Pulsed-Laser Synthesis of Group IV Clatrates for Energy Storage Applications, 18-R8180
Kwai S. Chan
Michael A. Miller
Inclusive Dates: 10/01/08 – 09/30/10
Background — Energy storage and battery materials represent a major growth market for fundamental research, applied research and technology development. The U.S. Department of Energy (DOE) has established an extensive technology program to advance the development of Li-based batteries to enable a larger market penetration of hybrid electrical vehicles, plug-in hybrid electrical vehicles and electric vehicles. The pulsed-laser synthesis capability was needed to fabricate silicon, germanium, and tin clathrates, which are potential electrode materials for lithium-ion batteries. These results were needed to support a proposal to DOE.

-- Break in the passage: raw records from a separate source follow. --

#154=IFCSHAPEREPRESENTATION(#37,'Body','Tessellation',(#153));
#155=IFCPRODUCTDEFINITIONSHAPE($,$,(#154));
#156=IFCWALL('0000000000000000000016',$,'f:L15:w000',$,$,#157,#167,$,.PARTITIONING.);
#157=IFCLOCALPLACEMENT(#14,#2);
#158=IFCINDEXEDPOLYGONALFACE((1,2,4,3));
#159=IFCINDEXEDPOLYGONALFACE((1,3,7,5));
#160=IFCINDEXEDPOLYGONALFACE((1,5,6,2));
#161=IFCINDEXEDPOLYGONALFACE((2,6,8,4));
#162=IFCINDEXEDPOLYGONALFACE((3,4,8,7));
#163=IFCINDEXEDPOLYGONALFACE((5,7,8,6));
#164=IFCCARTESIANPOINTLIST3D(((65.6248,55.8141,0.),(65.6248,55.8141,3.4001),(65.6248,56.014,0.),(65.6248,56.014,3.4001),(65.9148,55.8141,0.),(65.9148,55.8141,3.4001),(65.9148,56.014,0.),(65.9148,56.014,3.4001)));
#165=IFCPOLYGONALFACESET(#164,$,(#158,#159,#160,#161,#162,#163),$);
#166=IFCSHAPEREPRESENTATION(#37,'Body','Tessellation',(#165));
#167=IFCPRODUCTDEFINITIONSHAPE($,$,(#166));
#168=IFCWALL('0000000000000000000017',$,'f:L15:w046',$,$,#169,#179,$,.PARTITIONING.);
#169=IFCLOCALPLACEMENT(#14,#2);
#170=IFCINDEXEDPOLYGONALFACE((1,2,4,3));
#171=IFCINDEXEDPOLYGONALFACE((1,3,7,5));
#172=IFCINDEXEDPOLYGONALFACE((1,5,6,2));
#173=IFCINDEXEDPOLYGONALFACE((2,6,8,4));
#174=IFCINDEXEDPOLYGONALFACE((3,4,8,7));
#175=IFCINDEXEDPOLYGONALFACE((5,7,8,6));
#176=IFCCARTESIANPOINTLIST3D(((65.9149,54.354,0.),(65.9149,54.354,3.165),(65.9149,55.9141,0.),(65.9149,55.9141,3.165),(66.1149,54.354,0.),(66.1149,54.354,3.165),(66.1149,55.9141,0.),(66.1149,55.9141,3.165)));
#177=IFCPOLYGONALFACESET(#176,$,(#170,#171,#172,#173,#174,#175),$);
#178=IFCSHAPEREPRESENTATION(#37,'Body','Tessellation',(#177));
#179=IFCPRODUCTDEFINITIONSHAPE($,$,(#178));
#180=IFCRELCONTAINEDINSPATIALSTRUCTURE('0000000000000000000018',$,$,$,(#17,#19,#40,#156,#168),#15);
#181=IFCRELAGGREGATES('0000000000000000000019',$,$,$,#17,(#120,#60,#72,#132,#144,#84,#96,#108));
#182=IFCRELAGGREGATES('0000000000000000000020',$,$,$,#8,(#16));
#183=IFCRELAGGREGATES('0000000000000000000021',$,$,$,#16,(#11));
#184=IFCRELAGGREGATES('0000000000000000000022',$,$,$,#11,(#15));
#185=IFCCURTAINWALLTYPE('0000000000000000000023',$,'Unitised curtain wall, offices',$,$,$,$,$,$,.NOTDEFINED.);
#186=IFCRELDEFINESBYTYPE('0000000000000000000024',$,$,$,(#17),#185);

Approach — A pulsed laser (mode-locked YAG with frequency doubling) and power supply system (Coherent Antares™, Model 76-S) were received from SP2 Carbon and installed in the Laser Raman Laboratory at SwRI. The pulsed-laser was set up on an air-suspended optical table in line with an SwRI-developed vacuum target-chamber. However, there were several issues with the laser cavity that required some repairs and alignment. The laser was repaired but the optical path could not be sufficiently aligned to cause lasing. To achieve the project goal, researchers redirected the project efforts to develop an alternative method of fabricating Si clathrates using an ionization-enhanced plasma magnetron sputtering technique.
Accomplishments — A plasma-enhanced magnetron sputtering (PEMS) vacuum deposition chamber was set up to explore the synthesis of guest-free silicon clathrate particles by directing a silicon-argon plasma into a pool of ionic liquid (IL), as illustrated in Figure 1(A). This synthesis process involved purchasing a silicon sputtering target based on SwRI's design specifications. The Si target was sputtered, and the sputtered Si-argon plasma was directly deposited into a pool of ionic liquid in vacuum, as shown in Figure 1(B). The suspended particles, Figure 1(C), were then separated from the ionic liquid, Figure 1(D), and structurally characterized via powder X-ray diffraction and Raman spectroscopy. The results indicated that small amounts of empty silicon clathrates, Si 46 , were synthesized using this technique. This technique is currently being used to make silicon clathrates in an external project supported by the DOE through the Lawrence Berkeley National Laboratory.